Comparison with SMT-based Freeze Mechanism
In RFC: Regulation Compliance Extension - English / CKB Development & Technical Discussion - Nervos Talk, an SMT-based freeze mechanism was proposed. Its advantage is that the on-chain state occupation is extremely small, so the cost of adding to the blacklist is very low.
The disadvantages are as follows:
- For each token adopting this mechanism, all involved applications need to index and store the latest state of the SMT tree, while the linked list-based approach doesn’t require maintaining off-chain state and is easier to integrate.
- It has strong invasiveness to applications. Transfer transactions need to place proofs in the Witness, which becomes problematic when dealing with OTX transactions. Since user signatures include the corresponding Witness, and the final Aggregator may not initially know which lockscripts will be involved, it requires careful selection of combination modes. The linked list-based approach only adds CellDeps, which has almost no impact on application composition.
Moreover, based on the extensions mechanism, if the cost of blacklists becomes very high in the future, for example, a blacklist involving 10 thousands locks would require 320,000 CKB.
If this cost is deemed too high at that time, a more easily combinable SMT-based freeze scheme can be designed, migrated from the linked list scheme, and all CKB can be reclaimed.
The migration process is as follows:
- mint_authority adds an SMT-based freeze extension, with its args being the type_hash of the SMTRootCell. The execution process of this plugin is:
- Read the Cell pointed to by the type_hash and read its data. The data should include two pieces of information: 1. SMT Root; 2. UDT type hash to be checked
- Read the SMT Proof from the Witness
- Scan the locks involved in the UDT Type hash corresponding to inputs and outputs.
- Check that all locks comply with the rules according to the SMT Proof.
- First, add all existing blacklisted locks to the SMT blacklist. At this point, each transfer will undergo two checks, one freeze mode and one freeze extension.
- Gradually clear and merge all blacklists from the blacklist cell, and reclaim CKB, until returning to the full range empty linked list.
- At this point, CKB has been reclaimed, and the blacklist linked list is empty, equivalent to only being subject to the extension’s blacklist check.
Analysis of Permission Management
According to the Principle of least privilege, regarding UDT, especially compliant UDT, the permission control in the final implementation can be more fine-grained, not limited to the details in this document.
In the Enhanced xUDT of this proposal, there are four types of permissions:
- mint_authority: Permission to mint tokens
- pause_authority: Permission to pause minting and transfers
- metadata_authority: Permission to modify metadata
- freeze_authority: Permission to freeze accounts
However, sometimes more fine-grained layered permission control can be added. For example, similar to USDC’s contract design on ETH, there exists a MasterMinter that can add minters and give each minter a certain mint limit. After minting a certain amount of tokens each time, the limit will decrease accordingly to isolate risks.

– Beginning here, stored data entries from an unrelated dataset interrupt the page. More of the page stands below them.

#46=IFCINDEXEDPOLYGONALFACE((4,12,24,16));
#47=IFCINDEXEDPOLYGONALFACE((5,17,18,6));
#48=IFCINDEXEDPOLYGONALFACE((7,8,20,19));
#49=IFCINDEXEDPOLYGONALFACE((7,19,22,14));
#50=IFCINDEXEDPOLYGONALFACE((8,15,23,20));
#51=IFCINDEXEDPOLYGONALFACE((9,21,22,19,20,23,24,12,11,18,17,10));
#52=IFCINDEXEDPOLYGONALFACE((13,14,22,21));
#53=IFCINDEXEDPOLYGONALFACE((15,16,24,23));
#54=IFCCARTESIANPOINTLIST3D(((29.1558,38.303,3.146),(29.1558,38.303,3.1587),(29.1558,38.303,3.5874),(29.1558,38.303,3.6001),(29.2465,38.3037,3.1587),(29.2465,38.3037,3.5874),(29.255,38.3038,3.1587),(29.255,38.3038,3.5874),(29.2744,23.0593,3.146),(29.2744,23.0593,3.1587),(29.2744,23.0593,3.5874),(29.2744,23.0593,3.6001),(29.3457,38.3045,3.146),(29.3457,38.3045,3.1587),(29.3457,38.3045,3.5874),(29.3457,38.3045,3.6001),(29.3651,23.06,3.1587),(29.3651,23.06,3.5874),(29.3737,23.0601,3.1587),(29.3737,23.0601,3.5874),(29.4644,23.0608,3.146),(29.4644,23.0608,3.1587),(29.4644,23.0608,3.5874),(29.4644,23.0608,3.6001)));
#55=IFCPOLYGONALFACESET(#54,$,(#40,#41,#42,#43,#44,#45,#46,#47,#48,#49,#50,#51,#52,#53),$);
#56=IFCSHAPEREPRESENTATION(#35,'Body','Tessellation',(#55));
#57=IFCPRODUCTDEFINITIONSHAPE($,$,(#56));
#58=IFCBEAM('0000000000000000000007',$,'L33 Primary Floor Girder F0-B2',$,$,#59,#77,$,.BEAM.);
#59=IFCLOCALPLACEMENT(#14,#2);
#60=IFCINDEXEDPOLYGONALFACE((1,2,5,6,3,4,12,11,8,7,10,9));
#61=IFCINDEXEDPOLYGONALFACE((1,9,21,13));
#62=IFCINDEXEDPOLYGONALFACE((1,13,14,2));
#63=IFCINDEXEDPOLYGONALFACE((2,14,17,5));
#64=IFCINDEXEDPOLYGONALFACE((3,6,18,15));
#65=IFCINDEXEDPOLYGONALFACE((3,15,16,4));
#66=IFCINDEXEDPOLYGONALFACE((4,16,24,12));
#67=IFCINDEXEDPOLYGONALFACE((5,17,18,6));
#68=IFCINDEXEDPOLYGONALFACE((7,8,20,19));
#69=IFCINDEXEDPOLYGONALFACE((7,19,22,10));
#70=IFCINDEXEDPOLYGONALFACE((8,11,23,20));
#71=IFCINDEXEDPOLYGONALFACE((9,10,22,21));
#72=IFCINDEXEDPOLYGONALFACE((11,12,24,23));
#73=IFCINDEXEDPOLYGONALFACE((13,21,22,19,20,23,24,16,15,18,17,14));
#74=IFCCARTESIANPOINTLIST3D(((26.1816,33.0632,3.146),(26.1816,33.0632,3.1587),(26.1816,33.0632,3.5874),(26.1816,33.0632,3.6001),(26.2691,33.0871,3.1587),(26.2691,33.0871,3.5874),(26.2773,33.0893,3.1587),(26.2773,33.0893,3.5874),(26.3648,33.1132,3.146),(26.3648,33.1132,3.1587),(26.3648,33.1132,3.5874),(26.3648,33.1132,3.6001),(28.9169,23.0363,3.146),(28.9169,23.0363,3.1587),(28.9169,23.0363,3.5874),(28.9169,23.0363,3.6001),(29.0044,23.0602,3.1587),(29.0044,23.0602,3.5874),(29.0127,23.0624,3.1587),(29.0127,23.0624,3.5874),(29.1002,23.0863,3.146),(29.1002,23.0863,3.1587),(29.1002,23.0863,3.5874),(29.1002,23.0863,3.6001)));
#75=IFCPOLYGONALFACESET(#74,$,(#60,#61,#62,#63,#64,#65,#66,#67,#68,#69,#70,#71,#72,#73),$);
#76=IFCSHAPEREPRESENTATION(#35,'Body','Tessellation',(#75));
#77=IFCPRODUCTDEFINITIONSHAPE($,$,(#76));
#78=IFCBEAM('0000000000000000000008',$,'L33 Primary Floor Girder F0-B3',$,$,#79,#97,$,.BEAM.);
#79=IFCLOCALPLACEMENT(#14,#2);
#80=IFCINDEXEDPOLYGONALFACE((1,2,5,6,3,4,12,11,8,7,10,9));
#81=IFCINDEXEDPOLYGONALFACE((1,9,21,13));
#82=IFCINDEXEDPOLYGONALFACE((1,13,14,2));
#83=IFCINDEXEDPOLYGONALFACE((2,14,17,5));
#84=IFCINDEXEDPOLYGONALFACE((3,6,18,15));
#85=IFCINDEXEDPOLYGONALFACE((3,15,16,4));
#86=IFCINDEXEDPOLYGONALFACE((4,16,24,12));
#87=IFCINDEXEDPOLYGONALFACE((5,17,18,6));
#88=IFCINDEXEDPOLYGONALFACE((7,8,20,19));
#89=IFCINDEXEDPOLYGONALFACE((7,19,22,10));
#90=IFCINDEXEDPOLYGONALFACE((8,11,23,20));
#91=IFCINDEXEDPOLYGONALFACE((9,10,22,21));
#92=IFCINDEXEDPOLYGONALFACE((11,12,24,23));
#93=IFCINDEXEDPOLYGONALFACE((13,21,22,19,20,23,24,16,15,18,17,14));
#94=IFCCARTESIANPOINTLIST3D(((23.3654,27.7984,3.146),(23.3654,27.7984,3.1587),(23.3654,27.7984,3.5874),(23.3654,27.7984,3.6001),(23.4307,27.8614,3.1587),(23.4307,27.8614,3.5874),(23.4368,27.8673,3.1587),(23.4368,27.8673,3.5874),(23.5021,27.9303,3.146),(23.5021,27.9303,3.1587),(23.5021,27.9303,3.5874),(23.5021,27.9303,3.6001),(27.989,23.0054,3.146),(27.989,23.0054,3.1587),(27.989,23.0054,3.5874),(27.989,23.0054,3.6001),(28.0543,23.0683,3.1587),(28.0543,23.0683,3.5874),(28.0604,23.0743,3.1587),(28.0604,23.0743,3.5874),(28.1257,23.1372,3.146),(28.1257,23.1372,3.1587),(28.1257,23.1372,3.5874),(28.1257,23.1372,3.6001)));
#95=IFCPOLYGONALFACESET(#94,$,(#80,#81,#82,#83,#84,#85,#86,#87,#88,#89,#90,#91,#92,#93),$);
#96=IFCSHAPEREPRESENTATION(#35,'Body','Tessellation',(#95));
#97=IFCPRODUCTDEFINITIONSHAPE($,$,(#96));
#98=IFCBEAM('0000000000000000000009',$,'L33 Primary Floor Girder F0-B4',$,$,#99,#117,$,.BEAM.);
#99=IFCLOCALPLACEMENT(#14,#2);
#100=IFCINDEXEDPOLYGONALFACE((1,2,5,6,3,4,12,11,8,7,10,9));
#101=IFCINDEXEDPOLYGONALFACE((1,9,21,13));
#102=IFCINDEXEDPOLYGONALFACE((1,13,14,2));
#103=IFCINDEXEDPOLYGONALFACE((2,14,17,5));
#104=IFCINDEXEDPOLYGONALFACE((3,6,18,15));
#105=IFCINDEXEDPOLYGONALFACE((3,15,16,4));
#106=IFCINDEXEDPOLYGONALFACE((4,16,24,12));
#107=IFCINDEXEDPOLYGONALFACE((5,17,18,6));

Then the metadata could become like this:
table xUDTMetadata {
flag: byte,
paused: byte,
master_mint_authority: ScriptAttrOpt,
minter: ScriptAttrVec,
mint_allowance: Uint128Vec,
pause_authority: ScriptAttrOpt,
metadata_authority: ScriptAttrOpt,
freeze_authority: ScriptAttrOpt,
extensions: ScriptAttrVec,
supply: Uint128,
decimals: byte,
name: Bytes,
symbol: Bytes,
uri: Bytes,
extra_data: Bytes,
}
Of course, the best approach is to reference the product design of relevant compliant asset and investigate requirements to design a more general applicable security permission management system.